Concessional loans to be phased out: Muhith
Bangladesh will no longer enjoy concessional loans once it graduates from the least-developed country bracket, said Finance Minister AMA Muhith yesterday.
"We will have to be cautious so that we do not get entrapped in the quicksand of loans," he told a press conference at his secretariat office to inform about the celebrations scheduled for today to celebrate the country's graduation.
The government will have to adopt various policies to soften the effects of graduation, he said.
However, the graduation would give a psychological boost to the country for the fact that it would no more be at the receiving end of donors and would see an increase in foreign direct investment.

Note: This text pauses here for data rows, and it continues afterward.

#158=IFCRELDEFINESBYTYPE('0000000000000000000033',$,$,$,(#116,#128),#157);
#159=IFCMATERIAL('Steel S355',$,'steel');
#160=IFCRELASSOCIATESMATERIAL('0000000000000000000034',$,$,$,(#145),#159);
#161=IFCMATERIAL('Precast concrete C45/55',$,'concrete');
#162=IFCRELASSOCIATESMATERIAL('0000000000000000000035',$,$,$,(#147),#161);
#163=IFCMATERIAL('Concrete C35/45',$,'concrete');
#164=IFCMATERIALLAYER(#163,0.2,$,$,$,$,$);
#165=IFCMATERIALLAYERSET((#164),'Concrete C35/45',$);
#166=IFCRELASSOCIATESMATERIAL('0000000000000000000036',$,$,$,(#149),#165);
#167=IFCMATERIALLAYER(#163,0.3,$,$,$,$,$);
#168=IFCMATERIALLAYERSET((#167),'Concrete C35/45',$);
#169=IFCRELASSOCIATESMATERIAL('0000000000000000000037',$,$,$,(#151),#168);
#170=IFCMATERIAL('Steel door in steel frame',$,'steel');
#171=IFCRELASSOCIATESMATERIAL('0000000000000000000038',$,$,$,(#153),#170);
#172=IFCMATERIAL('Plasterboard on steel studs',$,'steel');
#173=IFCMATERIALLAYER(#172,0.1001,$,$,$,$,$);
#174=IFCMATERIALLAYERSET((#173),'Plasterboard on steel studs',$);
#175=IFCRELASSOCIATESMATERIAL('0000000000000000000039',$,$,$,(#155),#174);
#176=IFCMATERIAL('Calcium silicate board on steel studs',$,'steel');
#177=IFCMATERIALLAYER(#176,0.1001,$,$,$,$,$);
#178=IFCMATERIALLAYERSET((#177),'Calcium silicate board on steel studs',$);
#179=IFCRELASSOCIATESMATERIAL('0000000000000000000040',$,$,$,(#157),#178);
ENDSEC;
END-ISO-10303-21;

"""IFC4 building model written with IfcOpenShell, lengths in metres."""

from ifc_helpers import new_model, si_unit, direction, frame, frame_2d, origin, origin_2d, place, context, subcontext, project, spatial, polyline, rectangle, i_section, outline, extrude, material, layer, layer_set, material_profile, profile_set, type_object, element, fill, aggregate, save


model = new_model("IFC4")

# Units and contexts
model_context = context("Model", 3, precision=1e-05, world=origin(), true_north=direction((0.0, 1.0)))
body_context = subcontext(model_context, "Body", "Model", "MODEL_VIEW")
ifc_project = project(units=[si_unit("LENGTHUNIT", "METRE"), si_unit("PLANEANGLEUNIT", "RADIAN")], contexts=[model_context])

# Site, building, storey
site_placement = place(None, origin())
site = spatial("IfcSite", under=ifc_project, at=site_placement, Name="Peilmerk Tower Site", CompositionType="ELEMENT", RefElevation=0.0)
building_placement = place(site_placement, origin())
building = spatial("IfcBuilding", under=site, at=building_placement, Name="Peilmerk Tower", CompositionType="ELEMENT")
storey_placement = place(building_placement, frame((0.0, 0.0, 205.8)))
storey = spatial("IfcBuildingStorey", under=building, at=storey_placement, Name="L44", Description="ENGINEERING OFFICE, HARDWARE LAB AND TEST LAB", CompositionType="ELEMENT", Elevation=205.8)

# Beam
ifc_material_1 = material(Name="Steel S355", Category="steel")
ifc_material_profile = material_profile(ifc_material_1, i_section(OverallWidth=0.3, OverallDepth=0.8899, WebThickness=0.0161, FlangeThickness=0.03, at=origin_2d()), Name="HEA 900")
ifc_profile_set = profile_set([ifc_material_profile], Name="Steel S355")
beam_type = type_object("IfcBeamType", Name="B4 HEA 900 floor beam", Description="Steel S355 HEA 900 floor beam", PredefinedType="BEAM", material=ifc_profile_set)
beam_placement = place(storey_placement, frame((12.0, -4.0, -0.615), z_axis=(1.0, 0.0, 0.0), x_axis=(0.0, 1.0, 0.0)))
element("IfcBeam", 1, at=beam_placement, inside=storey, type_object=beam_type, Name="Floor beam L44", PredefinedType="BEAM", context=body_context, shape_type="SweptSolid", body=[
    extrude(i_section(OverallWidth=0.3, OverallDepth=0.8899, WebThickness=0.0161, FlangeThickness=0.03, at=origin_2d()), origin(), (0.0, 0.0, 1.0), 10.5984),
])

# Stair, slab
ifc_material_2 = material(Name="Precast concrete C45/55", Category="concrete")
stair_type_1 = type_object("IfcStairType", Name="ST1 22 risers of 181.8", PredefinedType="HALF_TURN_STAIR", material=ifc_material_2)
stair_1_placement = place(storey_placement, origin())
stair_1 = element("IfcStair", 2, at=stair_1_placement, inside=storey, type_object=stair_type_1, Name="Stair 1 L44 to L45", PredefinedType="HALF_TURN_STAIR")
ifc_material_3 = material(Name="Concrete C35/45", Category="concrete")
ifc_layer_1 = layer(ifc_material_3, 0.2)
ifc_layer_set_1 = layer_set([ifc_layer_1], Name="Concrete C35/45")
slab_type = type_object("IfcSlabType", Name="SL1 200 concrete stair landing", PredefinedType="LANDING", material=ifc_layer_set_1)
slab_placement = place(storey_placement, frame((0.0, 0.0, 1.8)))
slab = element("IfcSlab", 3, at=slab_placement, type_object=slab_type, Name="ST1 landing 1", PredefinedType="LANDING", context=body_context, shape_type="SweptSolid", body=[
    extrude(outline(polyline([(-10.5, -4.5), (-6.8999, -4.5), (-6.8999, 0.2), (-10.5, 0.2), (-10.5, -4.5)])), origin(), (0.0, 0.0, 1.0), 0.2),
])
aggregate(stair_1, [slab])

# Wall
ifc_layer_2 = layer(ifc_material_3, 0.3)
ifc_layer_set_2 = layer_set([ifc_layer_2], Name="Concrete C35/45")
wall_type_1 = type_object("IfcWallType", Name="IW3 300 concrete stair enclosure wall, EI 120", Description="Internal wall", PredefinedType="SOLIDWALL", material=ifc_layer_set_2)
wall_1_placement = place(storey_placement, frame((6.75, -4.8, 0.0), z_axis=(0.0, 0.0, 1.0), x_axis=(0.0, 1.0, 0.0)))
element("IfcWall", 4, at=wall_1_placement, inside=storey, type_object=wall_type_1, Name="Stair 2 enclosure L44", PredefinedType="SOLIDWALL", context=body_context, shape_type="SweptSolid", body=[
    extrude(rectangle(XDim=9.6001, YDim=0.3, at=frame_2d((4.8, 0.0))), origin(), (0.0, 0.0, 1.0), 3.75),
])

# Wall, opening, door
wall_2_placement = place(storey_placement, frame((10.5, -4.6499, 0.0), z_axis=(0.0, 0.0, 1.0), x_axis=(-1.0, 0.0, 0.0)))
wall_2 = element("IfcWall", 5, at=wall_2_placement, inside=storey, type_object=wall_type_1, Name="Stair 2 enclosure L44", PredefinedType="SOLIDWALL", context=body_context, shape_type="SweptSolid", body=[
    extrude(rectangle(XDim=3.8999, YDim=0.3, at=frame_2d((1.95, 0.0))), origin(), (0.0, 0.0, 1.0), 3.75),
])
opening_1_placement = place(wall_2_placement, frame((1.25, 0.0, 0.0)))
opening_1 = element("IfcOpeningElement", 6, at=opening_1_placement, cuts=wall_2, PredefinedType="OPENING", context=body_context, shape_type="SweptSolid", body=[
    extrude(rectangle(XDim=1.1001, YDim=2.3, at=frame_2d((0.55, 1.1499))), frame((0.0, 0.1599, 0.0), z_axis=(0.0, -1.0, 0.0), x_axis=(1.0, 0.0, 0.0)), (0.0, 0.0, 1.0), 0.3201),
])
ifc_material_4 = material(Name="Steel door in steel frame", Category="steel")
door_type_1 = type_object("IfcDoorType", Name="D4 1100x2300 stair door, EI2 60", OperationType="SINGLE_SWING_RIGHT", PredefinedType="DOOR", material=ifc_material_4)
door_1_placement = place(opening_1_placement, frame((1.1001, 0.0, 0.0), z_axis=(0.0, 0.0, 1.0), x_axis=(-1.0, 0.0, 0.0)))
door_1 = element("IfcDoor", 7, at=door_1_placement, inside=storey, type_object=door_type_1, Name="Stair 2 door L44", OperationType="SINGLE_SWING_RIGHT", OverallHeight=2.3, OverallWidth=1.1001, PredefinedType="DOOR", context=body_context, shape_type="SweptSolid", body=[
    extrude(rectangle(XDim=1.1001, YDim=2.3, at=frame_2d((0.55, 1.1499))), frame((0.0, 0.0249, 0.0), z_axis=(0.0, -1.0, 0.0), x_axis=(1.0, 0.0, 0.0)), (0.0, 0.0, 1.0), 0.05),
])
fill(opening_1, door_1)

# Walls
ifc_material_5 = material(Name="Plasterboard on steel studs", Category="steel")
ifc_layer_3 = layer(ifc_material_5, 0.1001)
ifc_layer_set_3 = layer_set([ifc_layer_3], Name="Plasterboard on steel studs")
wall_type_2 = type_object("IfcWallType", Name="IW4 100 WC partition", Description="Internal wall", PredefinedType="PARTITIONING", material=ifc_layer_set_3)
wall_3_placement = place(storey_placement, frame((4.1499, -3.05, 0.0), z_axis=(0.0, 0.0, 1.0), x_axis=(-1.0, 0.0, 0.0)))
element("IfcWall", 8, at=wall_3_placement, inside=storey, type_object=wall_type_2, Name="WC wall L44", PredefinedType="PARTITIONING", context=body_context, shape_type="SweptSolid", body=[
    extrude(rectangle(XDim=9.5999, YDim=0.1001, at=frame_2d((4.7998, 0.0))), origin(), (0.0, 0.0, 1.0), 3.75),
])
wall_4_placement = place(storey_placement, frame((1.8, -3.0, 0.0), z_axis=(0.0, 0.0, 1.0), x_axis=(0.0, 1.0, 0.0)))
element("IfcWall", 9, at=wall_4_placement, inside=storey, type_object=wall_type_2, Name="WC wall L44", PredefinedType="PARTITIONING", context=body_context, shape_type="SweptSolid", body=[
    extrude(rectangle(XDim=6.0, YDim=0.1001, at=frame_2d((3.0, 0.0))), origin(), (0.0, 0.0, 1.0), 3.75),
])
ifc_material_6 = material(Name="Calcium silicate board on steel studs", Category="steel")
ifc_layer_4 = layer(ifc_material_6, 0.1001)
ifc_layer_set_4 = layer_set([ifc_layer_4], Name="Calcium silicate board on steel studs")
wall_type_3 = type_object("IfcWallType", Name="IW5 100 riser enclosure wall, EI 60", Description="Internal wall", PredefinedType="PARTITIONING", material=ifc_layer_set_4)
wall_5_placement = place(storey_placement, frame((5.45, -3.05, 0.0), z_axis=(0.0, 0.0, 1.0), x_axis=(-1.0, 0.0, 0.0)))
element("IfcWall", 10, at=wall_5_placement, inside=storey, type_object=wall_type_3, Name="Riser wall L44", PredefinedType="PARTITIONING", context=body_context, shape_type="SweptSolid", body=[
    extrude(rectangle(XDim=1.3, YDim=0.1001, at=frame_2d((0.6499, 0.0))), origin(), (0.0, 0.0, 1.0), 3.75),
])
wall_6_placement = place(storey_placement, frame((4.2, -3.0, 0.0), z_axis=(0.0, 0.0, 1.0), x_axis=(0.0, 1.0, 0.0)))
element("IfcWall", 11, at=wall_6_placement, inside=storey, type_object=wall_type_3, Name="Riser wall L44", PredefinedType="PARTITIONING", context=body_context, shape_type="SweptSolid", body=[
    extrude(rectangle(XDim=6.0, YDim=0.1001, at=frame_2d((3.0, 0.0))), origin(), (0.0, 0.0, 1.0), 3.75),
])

He said he was personally proud of the progress the country has made.
"We were so down the line and now we have climbed up," Muhith said, adding that the country has more responsibilities now, to wit to those who are below Bangladesh.
The finance minister said the concept of LDCs originated in the late 1960s and the first group of LDCs comprising only 18 countries was listed by the United Nations in 1971. Bangladesh was not in that list.
The Committee for Development Policy, a subsidiary advisory body of the United Nations Economic and Social Council, in a review in 1975 enlisted the four-year-old Bangladesh as an LDC, he added.
MA Mannan, state minister for finance and planning, said he wanted to share his happiness just as common people were doing for becoming eligible for graduation.
"Many doors will now open for Bangladesh," said Abul Kalam Azad, chief coordinator for Sustainable Development Goals Affairs in the Prime Minister's Office.
The new opportunities would make up for the few privileges that would be lost for graduation from the LDC bracket. The next target for Bangladesh is to move to the higher middle-income country and for that it needs to treble its Gross National Income, according to Azad.
"This success came from political leadership and people's hard work," said Md Nojibur Rahman, principal secretary to the PMO.
Kazi Shofiqul Azam, secretary to the Economic Relations Division (ERD), said there was no relation of the graduation with the interest rate increase on foreign debt.
"The interest rate will automatically increase with GNI," he said, adding that the World Bank and Japan International Cooperation Agency, the two major lenders, have already proposed increasing the interest rates as Bangladesh's per capita income has increased.
In another press briefing in the National Economic Council conference room, Planning Minister AHM Mustafa Kamal said Bangladesh would not face any kind of major challenge and financial loss for graduation.
"Export will not decline as a developing country; rather, our bargaining power will be enhanced," he said, while calling for diversification of products and destinations.
He also said Bangladesh would be in a position to negotiate for big credits as it would be able to tolerate huge external debt burdens.
The graduation required Bangladesh to meet all three criteria: GNI per capita, Human Assets Index (HAI) and Economic Vulnerability Index (EVI).
According to the UN's graduation threshold, the GNI per capita of a country has to be $1,230 or above. Bangladesh's GNI per capita is now $1,272.
In terms of the HAI, a country must have a score of 66 or above. Bangladesh's score is now 72.8 -- well above the threshold.
The HAI is an indicator of infant mortality, maternal mortality, adult schooling and adult literacy, nutrition, health and secondary school enrolment rate. In the EVI, a country's score has to be 32 or below. Bangladesh's score is 25.
The Committee for Development Policy will review Bangladesh's progress in 2021.
Bangladesh's official graduation from the LDC category will take place after a three-year transition period.
If it maintains its position in all three categories for the next six years, it will eventually graduate from the LDC category.